Hi all, hope you like this one as much as I do. When asked to make a matching slingshot and pen for a friend I decided on a slightly slimmer version of my Phoenix made from maple burl, and padauk. Infused the maple with green dyed Cactus Juice, using the same black/coyote/olive 1/4" G10 core for strength, but this time with a wenge foot slanted so that the slingshot could stand upright on it's own. Took a lot longer than I intended to make but worth the effort, I think.


----------



## reecemurg (Oct 9, 2011)

MY GOD !!!








that is spectacular !!!!!!
one of the best i have seen mate !!


----------



## ValeTudoGuy (Aug 29, 2012)

Holy moly! "THE GREEN KNIGHT RISES" that's a beauty... Do you have a link to any info on the dying process?

Marc


----------



## harson (Oct 21, 2011)

Stunning,must be a contender for slingshot of the month.


----------



## treefork (Feb 1, 2010)

That is PERFECT!


----------



## Dayhiker (Mar 13, 2010)

A slingshot that looks like a fountain pen.

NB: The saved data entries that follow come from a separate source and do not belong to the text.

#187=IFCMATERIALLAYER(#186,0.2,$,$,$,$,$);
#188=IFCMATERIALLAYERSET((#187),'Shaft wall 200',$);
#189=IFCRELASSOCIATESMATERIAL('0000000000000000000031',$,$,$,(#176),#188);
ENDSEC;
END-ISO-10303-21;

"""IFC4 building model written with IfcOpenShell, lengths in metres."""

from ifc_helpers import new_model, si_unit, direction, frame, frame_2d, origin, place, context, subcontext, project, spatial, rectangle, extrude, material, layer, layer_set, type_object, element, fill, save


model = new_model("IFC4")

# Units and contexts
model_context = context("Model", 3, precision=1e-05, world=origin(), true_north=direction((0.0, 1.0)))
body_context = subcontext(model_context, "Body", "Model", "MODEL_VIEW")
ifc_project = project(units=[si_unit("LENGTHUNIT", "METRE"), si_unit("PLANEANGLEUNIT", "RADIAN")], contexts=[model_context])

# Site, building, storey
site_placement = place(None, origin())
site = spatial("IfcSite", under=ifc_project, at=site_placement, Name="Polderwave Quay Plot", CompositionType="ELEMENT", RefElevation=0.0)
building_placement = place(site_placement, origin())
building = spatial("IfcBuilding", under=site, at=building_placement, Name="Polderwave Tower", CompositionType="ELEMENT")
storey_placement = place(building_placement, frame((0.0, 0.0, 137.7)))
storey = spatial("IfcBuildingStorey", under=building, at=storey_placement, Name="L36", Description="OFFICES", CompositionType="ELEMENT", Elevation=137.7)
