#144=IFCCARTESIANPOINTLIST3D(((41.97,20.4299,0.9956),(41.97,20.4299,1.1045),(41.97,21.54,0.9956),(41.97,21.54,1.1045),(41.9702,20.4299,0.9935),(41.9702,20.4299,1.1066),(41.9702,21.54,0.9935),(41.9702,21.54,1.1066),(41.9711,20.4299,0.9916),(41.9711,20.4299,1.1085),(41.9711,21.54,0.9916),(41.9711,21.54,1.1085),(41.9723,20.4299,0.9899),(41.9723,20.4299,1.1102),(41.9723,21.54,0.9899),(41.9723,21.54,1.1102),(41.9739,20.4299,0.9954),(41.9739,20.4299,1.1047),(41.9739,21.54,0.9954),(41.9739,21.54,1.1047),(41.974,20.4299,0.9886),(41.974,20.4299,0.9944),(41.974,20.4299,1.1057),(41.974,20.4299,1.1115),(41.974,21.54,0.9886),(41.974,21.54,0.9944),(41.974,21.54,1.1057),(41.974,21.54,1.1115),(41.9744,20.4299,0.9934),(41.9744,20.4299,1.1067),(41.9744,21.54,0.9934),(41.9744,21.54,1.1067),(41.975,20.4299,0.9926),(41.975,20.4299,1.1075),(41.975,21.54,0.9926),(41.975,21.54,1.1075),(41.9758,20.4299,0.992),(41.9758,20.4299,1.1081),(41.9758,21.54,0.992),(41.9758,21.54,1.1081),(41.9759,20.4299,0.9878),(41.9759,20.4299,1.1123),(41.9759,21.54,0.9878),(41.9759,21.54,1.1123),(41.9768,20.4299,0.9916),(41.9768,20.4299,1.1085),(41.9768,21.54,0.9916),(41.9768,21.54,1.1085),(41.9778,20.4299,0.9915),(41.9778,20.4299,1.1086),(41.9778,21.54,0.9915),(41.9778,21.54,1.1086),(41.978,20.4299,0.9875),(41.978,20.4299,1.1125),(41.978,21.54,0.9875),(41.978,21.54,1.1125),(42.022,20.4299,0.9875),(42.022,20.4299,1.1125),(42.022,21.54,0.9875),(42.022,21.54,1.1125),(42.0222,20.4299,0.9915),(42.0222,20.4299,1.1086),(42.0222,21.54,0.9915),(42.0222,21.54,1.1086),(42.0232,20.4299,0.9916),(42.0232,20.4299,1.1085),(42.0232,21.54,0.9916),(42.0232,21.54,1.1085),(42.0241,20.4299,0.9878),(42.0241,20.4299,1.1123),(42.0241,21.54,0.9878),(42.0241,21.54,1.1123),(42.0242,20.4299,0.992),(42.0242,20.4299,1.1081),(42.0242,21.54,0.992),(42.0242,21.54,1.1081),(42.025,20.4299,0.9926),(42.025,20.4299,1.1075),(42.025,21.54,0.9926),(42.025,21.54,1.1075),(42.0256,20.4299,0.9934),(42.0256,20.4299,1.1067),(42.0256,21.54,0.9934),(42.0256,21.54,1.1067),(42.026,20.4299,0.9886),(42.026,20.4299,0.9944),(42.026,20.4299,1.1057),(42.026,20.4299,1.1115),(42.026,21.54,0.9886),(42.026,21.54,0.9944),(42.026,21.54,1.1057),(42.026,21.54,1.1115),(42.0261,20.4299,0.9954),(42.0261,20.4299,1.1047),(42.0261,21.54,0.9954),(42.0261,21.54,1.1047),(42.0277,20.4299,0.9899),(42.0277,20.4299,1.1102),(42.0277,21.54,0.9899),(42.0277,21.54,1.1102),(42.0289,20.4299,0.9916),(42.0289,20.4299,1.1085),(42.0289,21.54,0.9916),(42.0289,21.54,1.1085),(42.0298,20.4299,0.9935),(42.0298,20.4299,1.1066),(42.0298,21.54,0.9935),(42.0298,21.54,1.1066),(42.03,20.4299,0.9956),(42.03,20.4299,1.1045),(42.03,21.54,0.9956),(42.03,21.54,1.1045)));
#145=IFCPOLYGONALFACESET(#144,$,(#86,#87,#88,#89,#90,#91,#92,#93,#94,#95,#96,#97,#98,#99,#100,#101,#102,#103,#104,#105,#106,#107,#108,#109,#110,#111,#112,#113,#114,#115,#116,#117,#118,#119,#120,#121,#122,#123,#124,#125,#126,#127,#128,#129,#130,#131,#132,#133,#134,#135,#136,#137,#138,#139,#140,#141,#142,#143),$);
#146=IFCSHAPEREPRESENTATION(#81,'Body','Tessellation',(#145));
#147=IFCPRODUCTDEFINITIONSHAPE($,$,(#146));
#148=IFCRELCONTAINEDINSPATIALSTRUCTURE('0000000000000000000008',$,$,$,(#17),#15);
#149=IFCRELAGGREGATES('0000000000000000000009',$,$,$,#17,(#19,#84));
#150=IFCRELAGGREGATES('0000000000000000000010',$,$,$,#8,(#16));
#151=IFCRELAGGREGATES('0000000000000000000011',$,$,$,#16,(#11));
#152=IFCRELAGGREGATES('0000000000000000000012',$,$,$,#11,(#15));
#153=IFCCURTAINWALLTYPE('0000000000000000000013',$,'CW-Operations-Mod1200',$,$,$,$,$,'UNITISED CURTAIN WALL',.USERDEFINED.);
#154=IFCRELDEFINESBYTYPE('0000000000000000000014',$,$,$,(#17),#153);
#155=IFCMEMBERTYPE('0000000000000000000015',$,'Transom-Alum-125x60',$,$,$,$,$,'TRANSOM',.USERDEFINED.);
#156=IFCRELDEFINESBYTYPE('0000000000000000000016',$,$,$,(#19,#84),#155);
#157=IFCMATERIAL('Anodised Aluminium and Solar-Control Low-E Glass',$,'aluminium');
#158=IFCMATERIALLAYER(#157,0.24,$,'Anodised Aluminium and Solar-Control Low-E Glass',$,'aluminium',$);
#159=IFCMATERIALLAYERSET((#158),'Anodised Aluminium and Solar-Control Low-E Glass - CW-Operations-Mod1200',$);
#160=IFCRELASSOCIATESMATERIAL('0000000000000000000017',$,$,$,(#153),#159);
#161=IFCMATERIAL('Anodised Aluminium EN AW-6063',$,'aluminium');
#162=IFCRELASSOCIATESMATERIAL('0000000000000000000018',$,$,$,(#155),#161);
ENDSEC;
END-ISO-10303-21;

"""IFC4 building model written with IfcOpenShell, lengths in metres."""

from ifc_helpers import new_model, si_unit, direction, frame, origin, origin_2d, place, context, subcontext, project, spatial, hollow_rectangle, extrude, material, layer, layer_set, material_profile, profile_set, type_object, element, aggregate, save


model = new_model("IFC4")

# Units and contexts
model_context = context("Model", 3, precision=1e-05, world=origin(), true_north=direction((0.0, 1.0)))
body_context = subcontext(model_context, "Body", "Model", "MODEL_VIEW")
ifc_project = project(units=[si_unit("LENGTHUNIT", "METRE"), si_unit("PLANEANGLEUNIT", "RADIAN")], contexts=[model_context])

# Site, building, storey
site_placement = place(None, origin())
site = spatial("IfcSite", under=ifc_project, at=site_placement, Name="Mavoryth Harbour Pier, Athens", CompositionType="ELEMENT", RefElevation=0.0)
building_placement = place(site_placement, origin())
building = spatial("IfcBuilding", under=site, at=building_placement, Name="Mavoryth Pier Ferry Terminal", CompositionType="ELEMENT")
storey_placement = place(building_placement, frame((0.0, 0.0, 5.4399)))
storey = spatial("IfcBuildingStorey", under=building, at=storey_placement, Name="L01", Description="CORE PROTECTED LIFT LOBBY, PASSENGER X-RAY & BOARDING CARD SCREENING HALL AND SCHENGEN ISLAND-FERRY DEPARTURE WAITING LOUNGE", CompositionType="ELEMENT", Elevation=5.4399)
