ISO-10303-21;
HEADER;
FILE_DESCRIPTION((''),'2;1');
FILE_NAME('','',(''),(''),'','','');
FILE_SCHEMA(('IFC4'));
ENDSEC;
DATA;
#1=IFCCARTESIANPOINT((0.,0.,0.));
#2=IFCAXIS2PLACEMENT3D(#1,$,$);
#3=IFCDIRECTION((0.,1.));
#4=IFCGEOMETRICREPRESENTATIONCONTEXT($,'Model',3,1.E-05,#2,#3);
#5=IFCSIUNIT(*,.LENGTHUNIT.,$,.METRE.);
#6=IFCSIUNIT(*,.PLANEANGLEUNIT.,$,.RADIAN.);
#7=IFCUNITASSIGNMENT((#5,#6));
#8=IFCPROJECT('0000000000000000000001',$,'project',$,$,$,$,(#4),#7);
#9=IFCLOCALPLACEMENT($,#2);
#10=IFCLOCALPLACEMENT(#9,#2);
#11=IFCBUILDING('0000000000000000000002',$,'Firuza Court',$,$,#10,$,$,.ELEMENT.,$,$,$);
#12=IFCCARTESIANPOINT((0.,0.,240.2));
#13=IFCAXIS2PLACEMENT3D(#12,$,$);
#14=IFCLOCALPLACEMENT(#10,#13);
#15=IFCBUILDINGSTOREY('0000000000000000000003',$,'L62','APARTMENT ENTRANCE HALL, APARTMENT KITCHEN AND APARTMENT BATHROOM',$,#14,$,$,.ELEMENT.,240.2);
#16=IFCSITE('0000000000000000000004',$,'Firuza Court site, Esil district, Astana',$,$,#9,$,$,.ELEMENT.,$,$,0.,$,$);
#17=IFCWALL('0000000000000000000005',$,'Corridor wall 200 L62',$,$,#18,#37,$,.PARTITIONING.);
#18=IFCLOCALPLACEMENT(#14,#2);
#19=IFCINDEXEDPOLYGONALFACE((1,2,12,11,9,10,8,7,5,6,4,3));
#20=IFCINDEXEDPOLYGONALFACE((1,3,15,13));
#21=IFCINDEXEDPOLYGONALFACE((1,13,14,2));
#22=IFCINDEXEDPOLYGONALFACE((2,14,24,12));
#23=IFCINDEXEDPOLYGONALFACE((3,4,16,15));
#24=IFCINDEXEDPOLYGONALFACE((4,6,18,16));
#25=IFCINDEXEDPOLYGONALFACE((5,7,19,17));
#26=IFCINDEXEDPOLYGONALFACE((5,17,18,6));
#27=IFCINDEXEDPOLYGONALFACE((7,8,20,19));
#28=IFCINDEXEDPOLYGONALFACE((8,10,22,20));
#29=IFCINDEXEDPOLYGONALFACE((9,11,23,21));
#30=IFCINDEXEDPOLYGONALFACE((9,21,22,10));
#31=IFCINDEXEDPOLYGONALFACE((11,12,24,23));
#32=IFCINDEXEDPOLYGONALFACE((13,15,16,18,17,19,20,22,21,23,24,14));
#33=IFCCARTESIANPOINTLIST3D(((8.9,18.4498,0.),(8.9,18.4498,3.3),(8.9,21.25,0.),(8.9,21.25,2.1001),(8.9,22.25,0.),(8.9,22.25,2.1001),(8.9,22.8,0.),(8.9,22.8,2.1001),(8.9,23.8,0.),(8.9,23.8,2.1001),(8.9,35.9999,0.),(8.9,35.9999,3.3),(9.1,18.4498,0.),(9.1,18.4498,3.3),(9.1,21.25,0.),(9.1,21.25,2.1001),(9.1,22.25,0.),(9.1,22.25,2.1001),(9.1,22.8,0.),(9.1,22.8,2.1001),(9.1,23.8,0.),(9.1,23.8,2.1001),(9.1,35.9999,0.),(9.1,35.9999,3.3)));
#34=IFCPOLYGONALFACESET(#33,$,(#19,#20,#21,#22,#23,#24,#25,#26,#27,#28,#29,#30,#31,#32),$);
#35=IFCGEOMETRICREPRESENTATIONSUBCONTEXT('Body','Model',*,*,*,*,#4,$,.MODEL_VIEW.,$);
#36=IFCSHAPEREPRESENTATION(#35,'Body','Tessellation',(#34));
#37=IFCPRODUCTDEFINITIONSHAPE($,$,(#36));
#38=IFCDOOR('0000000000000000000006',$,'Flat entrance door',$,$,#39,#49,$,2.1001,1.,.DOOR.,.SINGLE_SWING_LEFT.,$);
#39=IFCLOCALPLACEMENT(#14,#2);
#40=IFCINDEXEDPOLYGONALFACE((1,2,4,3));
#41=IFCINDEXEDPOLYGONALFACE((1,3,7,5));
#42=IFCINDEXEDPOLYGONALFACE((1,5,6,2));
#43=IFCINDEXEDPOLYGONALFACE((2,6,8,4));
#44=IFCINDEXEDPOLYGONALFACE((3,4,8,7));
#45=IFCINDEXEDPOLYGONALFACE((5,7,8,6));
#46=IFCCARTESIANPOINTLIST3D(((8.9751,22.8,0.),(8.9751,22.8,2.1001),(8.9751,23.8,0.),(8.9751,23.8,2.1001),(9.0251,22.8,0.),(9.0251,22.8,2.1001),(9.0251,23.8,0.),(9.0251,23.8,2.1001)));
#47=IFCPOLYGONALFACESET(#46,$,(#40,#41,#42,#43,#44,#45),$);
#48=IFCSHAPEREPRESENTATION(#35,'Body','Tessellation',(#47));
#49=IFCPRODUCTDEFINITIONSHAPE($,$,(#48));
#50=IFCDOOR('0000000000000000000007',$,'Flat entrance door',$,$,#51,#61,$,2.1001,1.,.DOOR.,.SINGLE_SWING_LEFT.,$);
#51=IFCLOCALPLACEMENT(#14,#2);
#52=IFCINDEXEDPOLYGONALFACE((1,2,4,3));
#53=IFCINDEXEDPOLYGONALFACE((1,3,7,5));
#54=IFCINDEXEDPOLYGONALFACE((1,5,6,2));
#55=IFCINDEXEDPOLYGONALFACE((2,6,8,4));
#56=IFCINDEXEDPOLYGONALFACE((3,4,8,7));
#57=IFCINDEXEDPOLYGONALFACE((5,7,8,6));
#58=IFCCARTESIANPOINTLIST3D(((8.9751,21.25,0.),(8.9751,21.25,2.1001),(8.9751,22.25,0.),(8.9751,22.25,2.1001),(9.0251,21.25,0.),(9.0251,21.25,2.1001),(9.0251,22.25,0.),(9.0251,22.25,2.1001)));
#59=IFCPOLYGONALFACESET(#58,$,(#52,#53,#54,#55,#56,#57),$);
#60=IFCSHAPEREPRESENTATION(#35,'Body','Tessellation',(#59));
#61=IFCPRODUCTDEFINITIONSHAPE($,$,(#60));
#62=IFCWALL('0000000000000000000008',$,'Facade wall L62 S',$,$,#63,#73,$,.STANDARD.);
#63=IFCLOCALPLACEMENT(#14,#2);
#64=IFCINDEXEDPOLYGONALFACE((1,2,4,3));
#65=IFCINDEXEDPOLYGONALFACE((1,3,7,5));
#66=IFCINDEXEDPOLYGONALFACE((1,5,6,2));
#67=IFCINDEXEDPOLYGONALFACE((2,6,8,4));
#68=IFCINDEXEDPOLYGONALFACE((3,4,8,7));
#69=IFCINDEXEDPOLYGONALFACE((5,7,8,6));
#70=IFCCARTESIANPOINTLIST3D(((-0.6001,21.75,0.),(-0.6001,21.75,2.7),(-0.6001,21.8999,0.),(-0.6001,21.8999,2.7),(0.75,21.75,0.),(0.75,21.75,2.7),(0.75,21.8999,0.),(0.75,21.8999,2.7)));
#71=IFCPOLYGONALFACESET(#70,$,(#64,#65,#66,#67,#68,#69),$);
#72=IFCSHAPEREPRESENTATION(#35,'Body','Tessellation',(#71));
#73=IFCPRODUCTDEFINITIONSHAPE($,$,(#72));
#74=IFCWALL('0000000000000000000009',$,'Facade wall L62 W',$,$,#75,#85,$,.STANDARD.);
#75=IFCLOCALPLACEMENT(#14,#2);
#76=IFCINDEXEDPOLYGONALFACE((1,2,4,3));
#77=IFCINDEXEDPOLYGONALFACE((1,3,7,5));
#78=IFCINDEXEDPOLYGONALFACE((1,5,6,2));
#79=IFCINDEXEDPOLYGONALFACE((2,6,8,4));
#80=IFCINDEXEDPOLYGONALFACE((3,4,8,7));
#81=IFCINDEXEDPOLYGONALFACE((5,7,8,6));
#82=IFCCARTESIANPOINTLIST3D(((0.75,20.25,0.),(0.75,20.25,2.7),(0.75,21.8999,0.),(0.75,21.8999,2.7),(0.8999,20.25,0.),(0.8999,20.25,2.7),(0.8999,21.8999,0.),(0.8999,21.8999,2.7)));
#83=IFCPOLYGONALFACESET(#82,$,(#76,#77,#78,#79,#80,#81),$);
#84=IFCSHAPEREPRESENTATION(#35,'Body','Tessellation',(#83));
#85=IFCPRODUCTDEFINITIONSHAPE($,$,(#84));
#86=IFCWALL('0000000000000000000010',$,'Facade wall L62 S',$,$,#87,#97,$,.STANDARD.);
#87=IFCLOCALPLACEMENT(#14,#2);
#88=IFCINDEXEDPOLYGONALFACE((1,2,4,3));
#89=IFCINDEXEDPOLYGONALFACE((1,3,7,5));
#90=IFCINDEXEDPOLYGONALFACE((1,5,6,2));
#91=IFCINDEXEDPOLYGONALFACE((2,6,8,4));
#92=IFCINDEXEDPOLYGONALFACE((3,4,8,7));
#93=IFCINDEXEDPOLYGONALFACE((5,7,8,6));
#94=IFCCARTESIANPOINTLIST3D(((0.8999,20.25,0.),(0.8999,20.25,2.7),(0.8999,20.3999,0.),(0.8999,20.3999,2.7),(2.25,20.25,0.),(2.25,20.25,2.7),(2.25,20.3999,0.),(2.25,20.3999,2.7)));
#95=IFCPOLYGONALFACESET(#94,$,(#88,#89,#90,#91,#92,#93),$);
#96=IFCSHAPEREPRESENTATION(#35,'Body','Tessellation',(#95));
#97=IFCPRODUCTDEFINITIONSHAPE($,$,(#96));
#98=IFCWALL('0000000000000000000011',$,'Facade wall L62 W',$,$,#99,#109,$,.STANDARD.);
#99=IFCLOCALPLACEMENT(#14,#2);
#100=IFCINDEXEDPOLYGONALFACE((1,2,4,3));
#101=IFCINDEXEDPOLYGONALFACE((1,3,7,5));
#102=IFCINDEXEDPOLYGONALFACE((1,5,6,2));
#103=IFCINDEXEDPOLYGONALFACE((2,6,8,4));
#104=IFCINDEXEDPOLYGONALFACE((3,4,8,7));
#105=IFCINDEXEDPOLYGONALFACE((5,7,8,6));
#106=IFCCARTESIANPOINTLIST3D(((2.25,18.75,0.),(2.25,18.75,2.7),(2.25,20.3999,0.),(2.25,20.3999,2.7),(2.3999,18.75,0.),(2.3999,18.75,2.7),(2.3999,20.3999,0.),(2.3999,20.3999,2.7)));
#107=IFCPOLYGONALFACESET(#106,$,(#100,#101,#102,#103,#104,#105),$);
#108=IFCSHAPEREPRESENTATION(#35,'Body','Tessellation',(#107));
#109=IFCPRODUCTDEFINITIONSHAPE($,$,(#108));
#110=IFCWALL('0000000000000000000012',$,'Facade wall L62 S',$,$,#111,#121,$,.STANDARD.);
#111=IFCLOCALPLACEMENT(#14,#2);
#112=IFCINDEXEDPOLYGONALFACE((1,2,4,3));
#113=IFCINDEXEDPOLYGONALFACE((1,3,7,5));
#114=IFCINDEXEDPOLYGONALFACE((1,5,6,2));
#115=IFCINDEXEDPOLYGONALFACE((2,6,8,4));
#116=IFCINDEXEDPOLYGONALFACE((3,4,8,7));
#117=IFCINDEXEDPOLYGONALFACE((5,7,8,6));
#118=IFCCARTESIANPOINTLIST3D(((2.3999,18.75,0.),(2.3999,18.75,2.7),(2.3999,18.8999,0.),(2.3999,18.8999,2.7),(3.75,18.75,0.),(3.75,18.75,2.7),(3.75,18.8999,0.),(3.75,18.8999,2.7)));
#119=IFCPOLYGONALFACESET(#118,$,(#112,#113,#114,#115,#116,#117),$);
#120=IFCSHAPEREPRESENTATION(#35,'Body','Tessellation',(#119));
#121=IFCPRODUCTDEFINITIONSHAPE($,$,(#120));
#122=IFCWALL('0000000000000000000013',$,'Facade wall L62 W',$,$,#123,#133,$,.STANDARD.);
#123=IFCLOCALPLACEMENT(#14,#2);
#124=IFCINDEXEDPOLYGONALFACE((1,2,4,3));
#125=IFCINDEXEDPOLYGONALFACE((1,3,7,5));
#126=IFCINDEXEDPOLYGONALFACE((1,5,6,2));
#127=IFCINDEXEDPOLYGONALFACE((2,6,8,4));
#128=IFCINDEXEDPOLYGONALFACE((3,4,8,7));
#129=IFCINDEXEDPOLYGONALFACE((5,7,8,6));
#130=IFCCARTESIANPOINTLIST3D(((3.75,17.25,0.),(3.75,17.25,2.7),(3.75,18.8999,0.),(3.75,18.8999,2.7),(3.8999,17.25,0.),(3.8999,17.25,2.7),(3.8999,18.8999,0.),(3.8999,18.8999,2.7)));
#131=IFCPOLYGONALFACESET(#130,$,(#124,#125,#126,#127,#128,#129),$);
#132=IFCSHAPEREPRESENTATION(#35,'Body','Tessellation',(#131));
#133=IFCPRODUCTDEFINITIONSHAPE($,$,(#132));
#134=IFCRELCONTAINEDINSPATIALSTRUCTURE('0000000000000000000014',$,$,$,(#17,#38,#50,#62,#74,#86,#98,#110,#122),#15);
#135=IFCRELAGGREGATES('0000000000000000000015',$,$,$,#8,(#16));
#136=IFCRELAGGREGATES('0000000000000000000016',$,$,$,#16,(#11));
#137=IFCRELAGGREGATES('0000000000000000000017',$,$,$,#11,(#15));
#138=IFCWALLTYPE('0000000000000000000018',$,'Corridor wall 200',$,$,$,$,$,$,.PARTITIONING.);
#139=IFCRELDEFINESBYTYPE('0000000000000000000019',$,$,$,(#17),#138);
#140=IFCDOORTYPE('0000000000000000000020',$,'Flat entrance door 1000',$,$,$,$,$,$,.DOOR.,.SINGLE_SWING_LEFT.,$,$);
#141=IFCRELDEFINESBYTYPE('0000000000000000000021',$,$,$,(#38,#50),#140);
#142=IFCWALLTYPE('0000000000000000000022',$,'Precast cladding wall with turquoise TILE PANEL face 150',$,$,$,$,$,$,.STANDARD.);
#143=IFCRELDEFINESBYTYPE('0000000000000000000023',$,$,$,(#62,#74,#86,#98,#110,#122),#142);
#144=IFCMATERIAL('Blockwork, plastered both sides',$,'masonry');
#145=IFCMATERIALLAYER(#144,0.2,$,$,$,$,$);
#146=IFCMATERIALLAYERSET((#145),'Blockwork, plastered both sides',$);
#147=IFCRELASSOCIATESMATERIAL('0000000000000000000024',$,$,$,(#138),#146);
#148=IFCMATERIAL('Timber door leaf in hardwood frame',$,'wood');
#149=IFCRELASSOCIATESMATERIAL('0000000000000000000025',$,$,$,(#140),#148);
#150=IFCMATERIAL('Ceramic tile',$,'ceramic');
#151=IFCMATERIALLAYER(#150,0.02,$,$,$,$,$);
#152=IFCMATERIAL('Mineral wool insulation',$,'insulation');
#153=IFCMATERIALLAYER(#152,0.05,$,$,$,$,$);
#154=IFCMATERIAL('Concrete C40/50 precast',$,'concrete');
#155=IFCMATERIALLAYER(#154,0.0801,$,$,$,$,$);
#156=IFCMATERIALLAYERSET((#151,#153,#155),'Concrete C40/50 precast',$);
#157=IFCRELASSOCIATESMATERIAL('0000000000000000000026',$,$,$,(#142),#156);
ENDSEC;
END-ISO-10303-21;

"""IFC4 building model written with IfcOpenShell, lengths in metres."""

from ifc_helpers import new_model, si_unit, direction, frame, frame_2d, origin, place, context, subcontext, project, spatial, rectangle, extrude, material, layer, layer_set, type_object, element, fill, save


model = new_model("IFC4")

# Units and contexts
model_context = context("Model", 3, precision=1e-05, world=origin(), true_north=direction((0.0, 1.0)))
body_context = subcontext(model_context, "Body", "Model", "MODEL_VIEW")
ifc_project = project(units=[si_unit("LENGTHUNIT", "METRE"), si_unit("PLANEANGLEUNIT", "RADIAN")], contexts=[model_context])

# Site, building, storey
site_placement = place(None, origin())
site = spatial("IfcSite", under=ifc_project, at=site_placement, Name="Firuza Court site, Esil district, Astana", CompositionType="ELEMENT", RefElevation=0.0)
building_placement = place(site_placement, origin())
building = spatial("IfcBuilding", under=site, at=building_placement, Name="Firuza Court", CompositionType="ELEMENT")
storey_placement = place(building_placement, frame((0.0, 0.0, 240.2)))
storey = spatial("IfcBuildingStorey", under=building, at=storey_placement, Name="L62", Description="APARTMENT ENTRANCE HALL, APARTMENT KITCHEN AND APARTMENT BATHROOM", CompositionType="ELEMENT", Elevation=240.2)

# Shared definitions
ifc_material_1 = material(Name="Concrete C40/50 precast", Category="concrete")

# Shared definitions
ifc_material_2 = material(Name="Blockwork, plastered both sides", Category="masonry")
ifc_layer_1 = layer(ifc_material_2, 0.2)
ifc_layer_set_1 = layer_set([ifc_layer_1], Name="Blockwork, plastered both sides")
wall_type_1 = type_object("IfcWallType", Name="Corridor wall 200", PredefinedType="PARTITIONING", material=ifc_layer_set_1)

This is the kind of stuff that keeps me coming back. Creativity and awesome craftsmanship!
Absolutely gorgeous, Ibsbd


----------



## Tex-Shooter (Dec 17, 2009)

Wow! -- Tex


----------



## Natty Fork (Jul 18, 2012)

Beautiful! The dye really brings out the character in the wood


----------



## LVO (Sep 25, 2011)

Beautiful! Now THERE'S a pen set for a graduate!!


----------



## Tobse (Nov 4, 2010)

Beautiful! i like the green color. well done.


----------



## Smashtoad (Sep 3, 2010)

That is really beautiful


----------



## orcrender (Sep 11, 2010)

That green is fine looking and it brings out the grain of the wood. Did you also make the pen?


----------



## quarterinmynose (Jan 21, 2012)

Oh my! That is freaking beautiful! Almost depressing really, I will continue to strive towards these great heights. As some others have said, you guys keep me constantly inspired.


----------



## Stevotattoo (Jun 28, 2012)

Absolutely stunning


----------



## Mr.Teh (Feb 28, 2012)

At first appearance it looks like Jade or so, very cool !!!
This SS is absoulut perfect, this is pure art














!!!!!


----------



## rockslinger (Nov 16, 2010)

That is absolutely beautiful, love it!!


----------



## LittleBear (Mar 24, 2012)

ValeTudoGuy said:


> ...Did you also make the pen?


Yes, out of the sampe wood I used for the slingshot, dyed and stabalized at the same time.


----------



## Wingshooter (Dec 24, 2009)

Drop dead gorgeous!


----------



## tnflipper52 (Jan 26, 2012)

Red and green, the sheen of the wood, the smooth finish. It's a total package. Great work and thanks for sharing.


----------



## Bill Hays (Aug 9, 2010)

Very very nice!


----------



## Flatband (Dec 18, 2009)

Smokin!!!!! Flatband


----------



## mirom (Aug 11, 2012)

Great !!
You judt put the dye in your oil and wait how it comes out ?


----------



## capnjoe (Jun 3, 2012)

Poison Ivy it is. I'm itchin' to hold it! 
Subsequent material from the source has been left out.